Walter Garbe/Biblioteca Nacional
Remanescentes de botocudos fotografados por um expedicionário em 1909, no ES
MARCELO LEITE
Eram os botocudos polinésios? Geneticamente falando, pelo menos dois
indivíduos desses índios praticamente exterminados no século 19 eram,
sim, parentes de habitantes de ilhas do Pacífico a mais de 7.000 km de
distância. Mas ninguém sabe como nem por quê.
O mistério volta a aumentar com um artigo do grupo de Sergio Danilo
Pena, da UFMG, publicado em novembro no periódico "Current Biology".
Novas análises de DNA eliminaram as duas hipóteses menos implausíveis
para explicar a presença desses genes por aqui.
Editoria de Arte/Folhapress
Sabe-se agora que eles não são descendentes de escravos de Madagáscar
trazidos ao Brasil entre 1817 e 1843, quando navios negreiros tentavam
evitar as patrulhas britânicas na costa oeste da África capturando-os no
leste. Nem de escravos polinésios levados ao Peru na década de 1860.
Sobram as mais improváveis, quase impossíveis de provar: uma segunda
entrada do homem nas Américas, anterior à mais aceita, há 12-14 mil
anos, e migração direta de polinésios pelo Pacífico antes da chegada de
europeus.
"Acho que está na hora de ser humilde e declarar ignorância", afirma Pena. Não é uma frase usual da parte de pesquisadores.
CRÂNIOS
A origem do povo botocudo é tão intrigante quanto sua aparência, marcada pelos lábios e orelhas alargados com discos de madeira.
Uma eficaz "guerra justa" foi movida contra suas aldeias em Minas
Gerais, Espírito Santo e Bahia, no século 19, por ordem de dom João 6º.
Aldeias da etnia também conhecida como "aimorés", que resistia
ferozmente à assimilação, desapareceram sem deixar muitos registros.
Sobreviveu, no entanto, uma coleção de três dezenas de crânios de botocudos na coleção do Museu Nacional, no Rio de Janeiro.
Deles saíram os dentes que tiveram o DNA extraído para análise e
renderam uma série de três artigos desconcertantes da equipe da UFMG,
tendo Pena e sua aluna Vanessa Faria Gonçalves entre os autores
principais.
O primeiro trabalho saiu em 2010 no periódico "Investigative Genetics".

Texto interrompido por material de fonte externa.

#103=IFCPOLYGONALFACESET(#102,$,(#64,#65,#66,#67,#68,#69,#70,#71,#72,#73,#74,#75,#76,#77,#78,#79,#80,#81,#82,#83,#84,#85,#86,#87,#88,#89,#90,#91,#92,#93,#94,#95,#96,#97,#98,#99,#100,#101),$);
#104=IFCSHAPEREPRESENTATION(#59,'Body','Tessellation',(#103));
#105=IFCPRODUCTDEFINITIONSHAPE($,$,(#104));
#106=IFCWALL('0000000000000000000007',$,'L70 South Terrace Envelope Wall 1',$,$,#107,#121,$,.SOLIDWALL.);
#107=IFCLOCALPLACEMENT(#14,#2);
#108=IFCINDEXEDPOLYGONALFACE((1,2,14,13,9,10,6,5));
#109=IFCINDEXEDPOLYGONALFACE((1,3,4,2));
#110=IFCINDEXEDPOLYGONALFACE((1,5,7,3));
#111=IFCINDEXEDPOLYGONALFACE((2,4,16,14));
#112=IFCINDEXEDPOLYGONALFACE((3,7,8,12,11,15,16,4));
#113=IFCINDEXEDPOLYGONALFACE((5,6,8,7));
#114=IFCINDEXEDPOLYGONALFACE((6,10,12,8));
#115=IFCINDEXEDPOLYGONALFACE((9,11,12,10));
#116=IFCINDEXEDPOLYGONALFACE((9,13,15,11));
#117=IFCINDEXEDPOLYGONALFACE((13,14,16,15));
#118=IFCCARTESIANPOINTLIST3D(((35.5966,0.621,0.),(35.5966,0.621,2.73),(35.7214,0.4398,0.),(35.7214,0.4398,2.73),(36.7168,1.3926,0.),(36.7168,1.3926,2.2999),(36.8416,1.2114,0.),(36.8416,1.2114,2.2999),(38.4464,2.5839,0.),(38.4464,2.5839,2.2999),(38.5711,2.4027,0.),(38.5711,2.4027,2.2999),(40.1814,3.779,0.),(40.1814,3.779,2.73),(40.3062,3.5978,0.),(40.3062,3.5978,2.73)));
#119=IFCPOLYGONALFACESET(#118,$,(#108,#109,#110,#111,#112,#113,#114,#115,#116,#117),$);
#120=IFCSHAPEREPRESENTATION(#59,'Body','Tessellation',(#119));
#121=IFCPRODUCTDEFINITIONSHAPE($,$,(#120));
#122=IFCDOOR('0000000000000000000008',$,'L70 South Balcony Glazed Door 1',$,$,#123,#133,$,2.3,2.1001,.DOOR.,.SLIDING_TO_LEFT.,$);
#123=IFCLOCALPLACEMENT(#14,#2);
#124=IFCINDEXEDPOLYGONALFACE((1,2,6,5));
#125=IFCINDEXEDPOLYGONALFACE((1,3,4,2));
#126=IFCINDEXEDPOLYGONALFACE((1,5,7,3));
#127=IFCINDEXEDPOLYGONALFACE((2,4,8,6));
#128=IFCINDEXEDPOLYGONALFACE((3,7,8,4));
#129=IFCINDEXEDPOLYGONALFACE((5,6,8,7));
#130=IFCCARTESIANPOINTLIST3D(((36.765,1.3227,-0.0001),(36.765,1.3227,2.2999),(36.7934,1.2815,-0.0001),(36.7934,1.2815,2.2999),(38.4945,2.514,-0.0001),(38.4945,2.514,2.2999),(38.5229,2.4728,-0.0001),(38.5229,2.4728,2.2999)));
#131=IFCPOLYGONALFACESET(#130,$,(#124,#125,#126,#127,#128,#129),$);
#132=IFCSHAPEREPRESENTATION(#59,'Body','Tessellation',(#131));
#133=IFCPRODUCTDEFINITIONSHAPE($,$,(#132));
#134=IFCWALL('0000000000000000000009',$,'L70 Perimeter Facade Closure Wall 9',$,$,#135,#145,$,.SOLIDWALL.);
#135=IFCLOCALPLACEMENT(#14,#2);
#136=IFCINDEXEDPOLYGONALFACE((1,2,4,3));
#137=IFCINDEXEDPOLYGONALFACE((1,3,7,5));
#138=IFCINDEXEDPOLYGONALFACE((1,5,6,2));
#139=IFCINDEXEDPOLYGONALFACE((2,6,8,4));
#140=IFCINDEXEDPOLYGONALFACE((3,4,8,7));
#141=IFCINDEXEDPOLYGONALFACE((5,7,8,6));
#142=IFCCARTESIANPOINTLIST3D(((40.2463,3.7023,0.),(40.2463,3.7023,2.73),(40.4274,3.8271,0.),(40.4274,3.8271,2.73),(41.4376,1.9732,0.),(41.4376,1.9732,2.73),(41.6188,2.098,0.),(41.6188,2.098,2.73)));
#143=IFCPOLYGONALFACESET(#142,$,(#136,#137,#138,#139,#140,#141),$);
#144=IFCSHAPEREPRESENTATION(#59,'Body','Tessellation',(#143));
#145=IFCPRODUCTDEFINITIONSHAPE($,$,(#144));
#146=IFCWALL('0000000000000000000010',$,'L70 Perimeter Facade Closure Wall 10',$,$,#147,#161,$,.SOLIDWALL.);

Debruçou-se sobre o DNA mitocondrial, uma diminuta fração dos genes que
só as mães transmitem para filhas e filhos.
A comparação do material extraído dos dentes de 14 crânios botocudos com
moradores atuais da cidade de Queixadinha (MG) identificou variantes
genéticas incomuns partilhadas entre eles. Concluiu-se que deixaram
descendentes entre os mineiros.
O segundo artigo, de 2013, foi publicado na americana "PNAS". Novo exame
do DNA mitocondrial revelou que 2 daqueles 14 indivíduos, do sexo
masculino, tinham marcadores característicos de populações polinésias.
A descoberta concordava, assim, com análises do formato dos crânios
botocudos que sugeriam um parentesco com populações da Oceania. É esse
também o caso de Luzia, o mais famoso esqueleto dos sítios arqueológicos
de Lagoa Santa (MG).
Os autores discutiram na revista científica "PNAS" quatro possíveis
explicações para essa ancestralidade (veja infográfico). Os cenários 1 e
2 foram considerados "extremamente implausíveis", afirma Pena.
Seu favorito na época era o quarto cenário, Madagáscar. Supunha-se que
escravos trazidos da ilha tivessem gerado descendentes com índios
brasileiros. Agora, porém, tudo se complicou. Desta vez a análise
contemplou todo o DNA disponível nos dois dentes "botocudo-polinésios".
Em primeiro lugar, quase todo o DNA parece ter origem polinésia, o que
exclui a possibilidade de miscigenação com ameríndios. Depois, a datação
dos crânios mostra que os dois botocudos morreram antes do tráfico de
escravos malgaxes no século 19.
"Toda essa discussão presume que dois crânios polinésios não possam ter
sido acidentalmente incluídos na coleção do Museu Nacional", diz Pena.
Não há evidência disso: "Os crânios estavam identificados como botocudos
por escrito, com tinta, na própria calota craniana".
Continua sem solução o enigma dos botocudos.